# Merit List Of SKZMDC



## Mian Moeed Ahmad (Nov 14, 2013)

The merit list of SKZMDC has not been displayed  .They say that students with aggregate 87 and above can again change their preference regarding SKZMDC. What the hell is this  .They should first accommodate the students who had already given their preference as SKZMDC. They are going against their own laws. I am thinking of filing a case against them for this injustice  .What are your views regarding this?

- - - Updated - - -

Also the merit list of SKZMDC according to old preferences close around 84.9...so if you have aggregate of 85...you still have chance in SKZMDC....only if justice is done


----------



## mantshaa (Oct 29, 2012)

Yeah we should do that


----------



## miss (Jan 12, 2013)

i agree with you although i have agg of 86.1622 and have fair enough chance even if they consider above 87 for skbmc but that is unfair they mention in prospectus that prefernces once given cannot be changed then they should also offer us to change bds preerences i want to do it

- - - Updated - - -

moeed are you realy gonna fire up case plz do it bcz i cannot


----------



## Zaheen Fatima (Sep 27, 2013)

Mian Moeed Ahmad said:


> The merit list of SKZMDC has not been displayed  .They say that students with aggregate 87 and above can again change their preference regarding SKZMDC. What the hell is this  .They should first accommodate the students who had already given their preference as SKZMDC. They are going against their own laws. I am thinking of filing a case against them for this injustice  .What are your views regarding this?
> 
> - - - Updated - - -
> 
> Also the merit list of SKZMDC according to old preferences close around 84.9...so if you have aggregate of 85...you still have chance in SKZMDC....only if justice is done


what i think the no of students they could accomodate ve been taken by them,everything has been decided just arrangment change hoge and fee structure of theirs is also different 200000 per year (SKZMDC)........cases are piled up just...wastage ov energy and money......!!


----------



## AbraDabra (Feb 5, 2012)

Fee has been reduced to 20k.
It was the fair thing to do I think.
Its closing merit will probably be 87.7-87.6, considering its in Lahore, only has 90 seats, and every kid has a difference of only 0.002% between them


----------



## Zaheen Fatima (Sep 27, 2013)

just 90 seats it would not make much diffrence....:roll:..so what is the use of moaning over it.....accept whatever is there:speechless:


----------



## Mian Moeed Ahmad (Nov 14, 2013)

miss said:


> i agree with you although i have agg of 86.1622 and have fair enough chance even if they consider above 87 for skbmc but that is unfair they mention in prospectus that prefernces once given cannot be changed then they should also offer us to change bds preerences i want to do it
> 
> - - - Updated - - -
> 
> moeed are you realy gonna fire up case plz do it bcz i cannot


I have already filed a case from my city(Bahawalpur) in high court.

- - - Updated - - -



AbraDabra said:


> Fee has been reduced to 20k.
> It was the fair thing to do I think.
> Its closing merit will probably be 87.7-87.6, considering its in Lahore, only has 90 seats, and every kid has a difference of only 0.002% between them


What you think is not right.....UHS is going against its own rules i-e selection of candidates according to merit and first preference.... Get it???

- - - Updated - - -



Zaheen Fatima said:


> just 90 seats it would not make much diffrence....:roll:..so what is the use of moaning over it.....accept whatever is there:speechless:


Do you know that the merit of SKZMDC according to old preferences given by students is about 85-86....It's because of the fact that the fee of SKZMDC in prospectus was 2lac.....many candidates with aggregate 87 and above gave other preference than SKZMDC....

- - - Updated - - -



mantshaa said:


> Yeah we should do that


I am doing what I can but I can really use some help here....file a case from ur city....This is all Lahorians Badmashi...they cant see a college of Lahore with lower merit than other med colleges


----------



## AbraDabra (Feb 5, 2012)

Sigh. Mian, im a Lahori myself, and I applied to SK, placed it high on the preference list, so go make your derogatory remarks elsewhere.

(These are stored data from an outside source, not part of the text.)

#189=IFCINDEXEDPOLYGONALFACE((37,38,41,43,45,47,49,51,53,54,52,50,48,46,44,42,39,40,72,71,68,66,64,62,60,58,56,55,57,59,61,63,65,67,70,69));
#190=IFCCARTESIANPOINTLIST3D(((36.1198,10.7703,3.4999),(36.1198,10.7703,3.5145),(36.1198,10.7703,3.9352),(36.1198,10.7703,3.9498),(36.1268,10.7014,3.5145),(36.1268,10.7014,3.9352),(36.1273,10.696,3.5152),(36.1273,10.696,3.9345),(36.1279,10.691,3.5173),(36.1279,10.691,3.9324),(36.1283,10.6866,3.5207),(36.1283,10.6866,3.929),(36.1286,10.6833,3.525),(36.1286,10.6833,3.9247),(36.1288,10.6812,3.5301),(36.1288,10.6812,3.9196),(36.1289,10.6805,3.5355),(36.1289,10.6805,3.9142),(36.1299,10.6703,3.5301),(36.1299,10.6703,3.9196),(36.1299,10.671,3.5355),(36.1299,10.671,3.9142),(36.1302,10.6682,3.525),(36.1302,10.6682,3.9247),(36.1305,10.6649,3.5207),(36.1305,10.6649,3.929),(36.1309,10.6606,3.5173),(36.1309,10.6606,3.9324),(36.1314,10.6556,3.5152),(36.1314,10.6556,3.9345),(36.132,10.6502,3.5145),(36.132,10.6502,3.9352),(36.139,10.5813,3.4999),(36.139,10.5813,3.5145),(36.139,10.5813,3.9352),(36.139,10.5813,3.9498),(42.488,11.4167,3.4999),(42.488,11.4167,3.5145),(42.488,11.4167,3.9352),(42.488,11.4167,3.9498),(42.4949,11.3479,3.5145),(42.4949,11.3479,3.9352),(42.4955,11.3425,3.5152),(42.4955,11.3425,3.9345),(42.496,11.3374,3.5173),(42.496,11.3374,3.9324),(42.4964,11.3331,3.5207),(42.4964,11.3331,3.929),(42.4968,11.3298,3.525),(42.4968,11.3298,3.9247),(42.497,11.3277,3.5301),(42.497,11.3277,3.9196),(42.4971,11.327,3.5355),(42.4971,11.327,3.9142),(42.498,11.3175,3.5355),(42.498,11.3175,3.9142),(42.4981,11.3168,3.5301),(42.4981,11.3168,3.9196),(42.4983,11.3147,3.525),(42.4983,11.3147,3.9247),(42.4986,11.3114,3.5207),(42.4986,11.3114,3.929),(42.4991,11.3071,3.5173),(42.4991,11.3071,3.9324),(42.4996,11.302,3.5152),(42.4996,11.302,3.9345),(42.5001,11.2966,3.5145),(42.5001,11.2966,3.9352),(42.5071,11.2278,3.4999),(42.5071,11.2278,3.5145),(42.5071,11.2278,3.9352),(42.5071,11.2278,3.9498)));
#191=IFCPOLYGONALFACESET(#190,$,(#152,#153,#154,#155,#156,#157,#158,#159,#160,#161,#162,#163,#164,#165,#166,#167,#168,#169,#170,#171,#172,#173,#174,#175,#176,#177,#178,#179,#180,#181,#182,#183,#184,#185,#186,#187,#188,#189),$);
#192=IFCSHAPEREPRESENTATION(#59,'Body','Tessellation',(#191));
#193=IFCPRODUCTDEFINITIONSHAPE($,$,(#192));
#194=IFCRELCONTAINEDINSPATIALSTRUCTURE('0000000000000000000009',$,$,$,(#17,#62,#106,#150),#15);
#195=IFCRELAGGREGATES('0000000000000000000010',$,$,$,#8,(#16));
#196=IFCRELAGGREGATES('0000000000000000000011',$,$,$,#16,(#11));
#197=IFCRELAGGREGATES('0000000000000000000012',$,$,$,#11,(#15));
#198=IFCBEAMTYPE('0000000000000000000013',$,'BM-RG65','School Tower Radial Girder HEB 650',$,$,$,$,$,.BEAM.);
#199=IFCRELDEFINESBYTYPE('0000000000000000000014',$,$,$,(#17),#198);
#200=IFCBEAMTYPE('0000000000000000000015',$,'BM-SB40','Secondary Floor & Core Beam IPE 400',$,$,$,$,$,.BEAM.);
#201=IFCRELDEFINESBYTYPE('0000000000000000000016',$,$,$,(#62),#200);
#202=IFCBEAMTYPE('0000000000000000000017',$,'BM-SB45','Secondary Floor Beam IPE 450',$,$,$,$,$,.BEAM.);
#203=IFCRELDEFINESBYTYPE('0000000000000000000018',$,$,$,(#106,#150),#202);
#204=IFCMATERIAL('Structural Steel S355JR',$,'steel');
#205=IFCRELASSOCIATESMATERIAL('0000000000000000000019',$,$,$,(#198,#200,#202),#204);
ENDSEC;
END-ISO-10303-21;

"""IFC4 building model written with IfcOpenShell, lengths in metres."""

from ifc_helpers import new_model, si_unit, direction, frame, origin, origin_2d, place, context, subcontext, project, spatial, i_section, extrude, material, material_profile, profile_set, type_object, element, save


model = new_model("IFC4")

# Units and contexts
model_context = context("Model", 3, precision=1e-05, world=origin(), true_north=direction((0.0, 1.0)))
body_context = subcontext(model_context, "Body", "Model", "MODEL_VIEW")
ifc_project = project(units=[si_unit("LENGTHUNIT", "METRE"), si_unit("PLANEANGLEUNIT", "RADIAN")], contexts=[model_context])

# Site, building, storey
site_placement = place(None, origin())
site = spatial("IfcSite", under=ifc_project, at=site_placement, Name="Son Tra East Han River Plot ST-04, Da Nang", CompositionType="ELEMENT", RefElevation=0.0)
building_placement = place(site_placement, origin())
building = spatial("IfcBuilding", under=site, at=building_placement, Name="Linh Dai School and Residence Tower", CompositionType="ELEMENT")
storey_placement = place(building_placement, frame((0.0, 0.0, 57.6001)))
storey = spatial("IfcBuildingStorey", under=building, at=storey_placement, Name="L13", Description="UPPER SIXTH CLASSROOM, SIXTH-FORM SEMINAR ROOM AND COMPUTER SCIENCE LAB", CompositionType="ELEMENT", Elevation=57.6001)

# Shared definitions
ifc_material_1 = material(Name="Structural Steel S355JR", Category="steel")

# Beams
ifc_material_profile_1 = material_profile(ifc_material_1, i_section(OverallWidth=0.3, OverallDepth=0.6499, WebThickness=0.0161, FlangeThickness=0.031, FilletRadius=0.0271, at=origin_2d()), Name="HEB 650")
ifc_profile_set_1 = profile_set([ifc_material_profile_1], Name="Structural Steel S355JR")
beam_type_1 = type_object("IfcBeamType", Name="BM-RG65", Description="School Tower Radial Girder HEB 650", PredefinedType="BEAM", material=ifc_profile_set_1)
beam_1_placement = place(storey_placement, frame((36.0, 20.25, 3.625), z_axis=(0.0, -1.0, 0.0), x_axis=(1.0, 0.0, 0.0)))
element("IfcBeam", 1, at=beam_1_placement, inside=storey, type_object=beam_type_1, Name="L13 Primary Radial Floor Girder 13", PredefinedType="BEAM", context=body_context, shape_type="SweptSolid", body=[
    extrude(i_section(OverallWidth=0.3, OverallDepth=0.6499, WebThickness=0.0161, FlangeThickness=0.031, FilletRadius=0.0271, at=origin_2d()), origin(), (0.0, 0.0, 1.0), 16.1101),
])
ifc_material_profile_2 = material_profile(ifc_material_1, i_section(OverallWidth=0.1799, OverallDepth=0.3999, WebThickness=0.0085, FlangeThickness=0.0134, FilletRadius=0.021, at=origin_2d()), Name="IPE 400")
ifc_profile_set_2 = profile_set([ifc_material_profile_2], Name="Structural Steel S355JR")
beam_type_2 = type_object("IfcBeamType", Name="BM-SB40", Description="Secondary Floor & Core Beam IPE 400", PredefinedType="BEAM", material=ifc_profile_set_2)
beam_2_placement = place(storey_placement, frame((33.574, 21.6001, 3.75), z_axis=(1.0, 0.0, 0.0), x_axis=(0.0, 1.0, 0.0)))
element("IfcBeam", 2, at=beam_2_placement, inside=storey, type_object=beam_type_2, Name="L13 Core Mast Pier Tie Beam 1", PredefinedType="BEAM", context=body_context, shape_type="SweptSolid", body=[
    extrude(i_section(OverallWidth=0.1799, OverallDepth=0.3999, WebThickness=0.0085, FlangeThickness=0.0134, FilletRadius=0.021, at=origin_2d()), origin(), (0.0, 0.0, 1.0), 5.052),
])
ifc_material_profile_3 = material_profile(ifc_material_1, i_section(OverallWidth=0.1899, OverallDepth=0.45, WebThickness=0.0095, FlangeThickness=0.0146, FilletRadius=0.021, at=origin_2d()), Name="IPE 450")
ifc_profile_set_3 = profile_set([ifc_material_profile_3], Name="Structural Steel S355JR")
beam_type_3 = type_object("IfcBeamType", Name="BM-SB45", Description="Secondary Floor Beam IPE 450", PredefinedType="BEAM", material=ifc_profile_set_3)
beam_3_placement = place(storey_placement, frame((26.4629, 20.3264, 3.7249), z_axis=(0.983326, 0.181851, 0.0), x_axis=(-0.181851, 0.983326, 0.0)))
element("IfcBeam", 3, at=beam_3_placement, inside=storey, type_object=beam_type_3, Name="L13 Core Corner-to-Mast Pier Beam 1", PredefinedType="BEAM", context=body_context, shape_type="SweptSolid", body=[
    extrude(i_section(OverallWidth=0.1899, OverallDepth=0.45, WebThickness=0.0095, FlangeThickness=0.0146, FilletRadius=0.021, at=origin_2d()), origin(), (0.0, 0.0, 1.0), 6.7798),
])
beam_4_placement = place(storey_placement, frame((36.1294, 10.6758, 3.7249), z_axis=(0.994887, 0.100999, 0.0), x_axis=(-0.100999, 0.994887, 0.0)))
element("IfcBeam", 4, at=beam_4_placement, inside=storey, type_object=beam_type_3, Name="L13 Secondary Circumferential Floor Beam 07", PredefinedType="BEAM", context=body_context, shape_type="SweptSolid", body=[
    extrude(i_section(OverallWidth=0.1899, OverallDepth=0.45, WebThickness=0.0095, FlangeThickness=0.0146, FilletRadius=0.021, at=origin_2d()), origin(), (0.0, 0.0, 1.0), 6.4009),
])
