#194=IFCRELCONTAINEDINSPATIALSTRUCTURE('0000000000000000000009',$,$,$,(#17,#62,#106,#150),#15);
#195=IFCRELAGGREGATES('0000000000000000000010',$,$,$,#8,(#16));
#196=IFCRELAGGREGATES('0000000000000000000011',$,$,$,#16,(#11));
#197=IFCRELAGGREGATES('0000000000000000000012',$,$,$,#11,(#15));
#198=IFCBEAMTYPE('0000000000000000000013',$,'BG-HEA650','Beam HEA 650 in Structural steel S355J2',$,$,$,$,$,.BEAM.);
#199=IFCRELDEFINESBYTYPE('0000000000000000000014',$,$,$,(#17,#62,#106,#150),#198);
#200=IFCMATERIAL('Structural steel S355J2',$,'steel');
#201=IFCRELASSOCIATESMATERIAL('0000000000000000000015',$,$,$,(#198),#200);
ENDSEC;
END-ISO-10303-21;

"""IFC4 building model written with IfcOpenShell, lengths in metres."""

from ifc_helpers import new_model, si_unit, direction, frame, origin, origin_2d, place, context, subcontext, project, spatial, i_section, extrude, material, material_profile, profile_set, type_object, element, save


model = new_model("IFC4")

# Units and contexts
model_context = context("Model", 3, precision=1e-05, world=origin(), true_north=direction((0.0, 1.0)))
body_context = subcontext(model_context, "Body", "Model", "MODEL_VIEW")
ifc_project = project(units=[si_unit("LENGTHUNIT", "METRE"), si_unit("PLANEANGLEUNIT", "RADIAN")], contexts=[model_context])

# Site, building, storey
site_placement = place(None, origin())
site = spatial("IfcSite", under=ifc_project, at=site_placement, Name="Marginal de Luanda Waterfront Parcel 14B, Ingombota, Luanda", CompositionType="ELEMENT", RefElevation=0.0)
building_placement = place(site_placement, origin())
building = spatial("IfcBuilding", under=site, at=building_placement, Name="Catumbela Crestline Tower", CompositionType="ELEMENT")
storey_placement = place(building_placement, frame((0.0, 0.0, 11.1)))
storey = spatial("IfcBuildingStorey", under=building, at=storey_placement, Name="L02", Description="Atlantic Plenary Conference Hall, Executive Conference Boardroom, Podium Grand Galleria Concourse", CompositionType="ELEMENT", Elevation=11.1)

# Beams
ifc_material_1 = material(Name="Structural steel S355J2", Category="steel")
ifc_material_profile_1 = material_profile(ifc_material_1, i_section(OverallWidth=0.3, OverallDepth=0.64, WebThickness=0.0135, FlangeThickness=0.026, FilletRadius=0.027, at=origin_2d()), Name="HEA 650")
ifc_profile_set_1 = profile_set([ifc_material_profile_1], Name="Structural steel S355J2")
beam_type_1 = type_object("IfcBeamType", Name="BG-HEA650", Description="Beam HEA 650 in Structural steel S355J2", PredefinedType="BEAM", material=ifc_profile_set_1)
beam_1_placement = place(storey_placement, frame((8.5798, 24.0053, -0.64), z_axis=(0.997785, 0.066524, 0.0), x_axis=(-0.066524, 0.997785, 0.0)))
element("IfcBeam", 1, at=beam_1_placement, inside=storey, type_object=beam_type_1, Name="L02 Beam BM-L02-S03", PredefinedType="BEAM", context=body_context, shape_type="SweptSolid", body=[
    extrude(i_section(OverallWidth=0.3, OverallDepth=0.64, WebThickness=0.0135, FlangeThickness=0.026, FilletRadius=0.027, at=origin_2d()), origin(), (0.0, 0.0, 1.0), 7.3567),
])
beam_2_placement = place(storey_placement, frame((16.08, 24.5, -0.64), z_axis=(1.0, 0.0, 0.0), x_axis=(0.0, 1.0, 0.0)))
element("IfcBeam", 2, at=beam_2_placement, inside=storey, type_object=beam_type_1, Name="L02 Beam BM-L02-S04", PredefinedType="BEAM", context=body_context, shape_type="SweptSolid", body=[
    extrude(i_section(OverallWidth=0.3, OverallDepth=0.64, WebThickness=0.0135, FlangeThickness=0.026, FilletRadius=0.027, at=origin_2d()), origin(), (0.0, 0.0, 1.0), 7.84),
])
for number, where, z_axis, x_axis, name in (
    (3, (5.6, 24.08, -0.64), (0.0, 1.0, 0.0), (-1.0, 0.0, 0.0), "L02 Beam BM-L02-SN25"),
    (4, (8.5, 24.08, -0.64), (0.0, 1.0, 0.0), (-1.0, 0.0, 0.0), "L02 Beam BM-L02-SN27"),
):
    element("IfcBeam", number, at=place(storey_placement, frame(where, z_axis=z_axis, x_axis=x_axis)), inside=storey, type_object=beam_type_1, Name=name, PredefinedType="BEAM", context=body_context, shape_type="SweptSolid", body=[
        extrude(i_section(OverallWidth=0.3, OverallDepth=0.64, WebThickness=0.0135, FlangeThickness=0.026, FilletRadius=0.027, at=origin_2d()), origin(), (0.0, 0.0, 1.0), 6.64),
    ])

Now, if you're willing to grow up, hear this. The UHS rules are malleable according to UHS's command. If they want to change something, they have full authority to do so at their own discretion. Its an independent institution in its own right. You are the one going to them for admissions, not the other way around.

The previous method would have been broken because the fee change was after giving preference. This is the actual fair route to take, and I say this as a person not having achieved 87%. 

Thirdly, your court cases will have zero affect. Not only will it be seen as frivolous and childish, the court backlog is enormous and they have higher issues to deal with, and you will most likely lose in the end because your argument is baseless. What are you going to say, that you want to sue UHS because they went out of their way to be fair to the people of Pakistan for once? 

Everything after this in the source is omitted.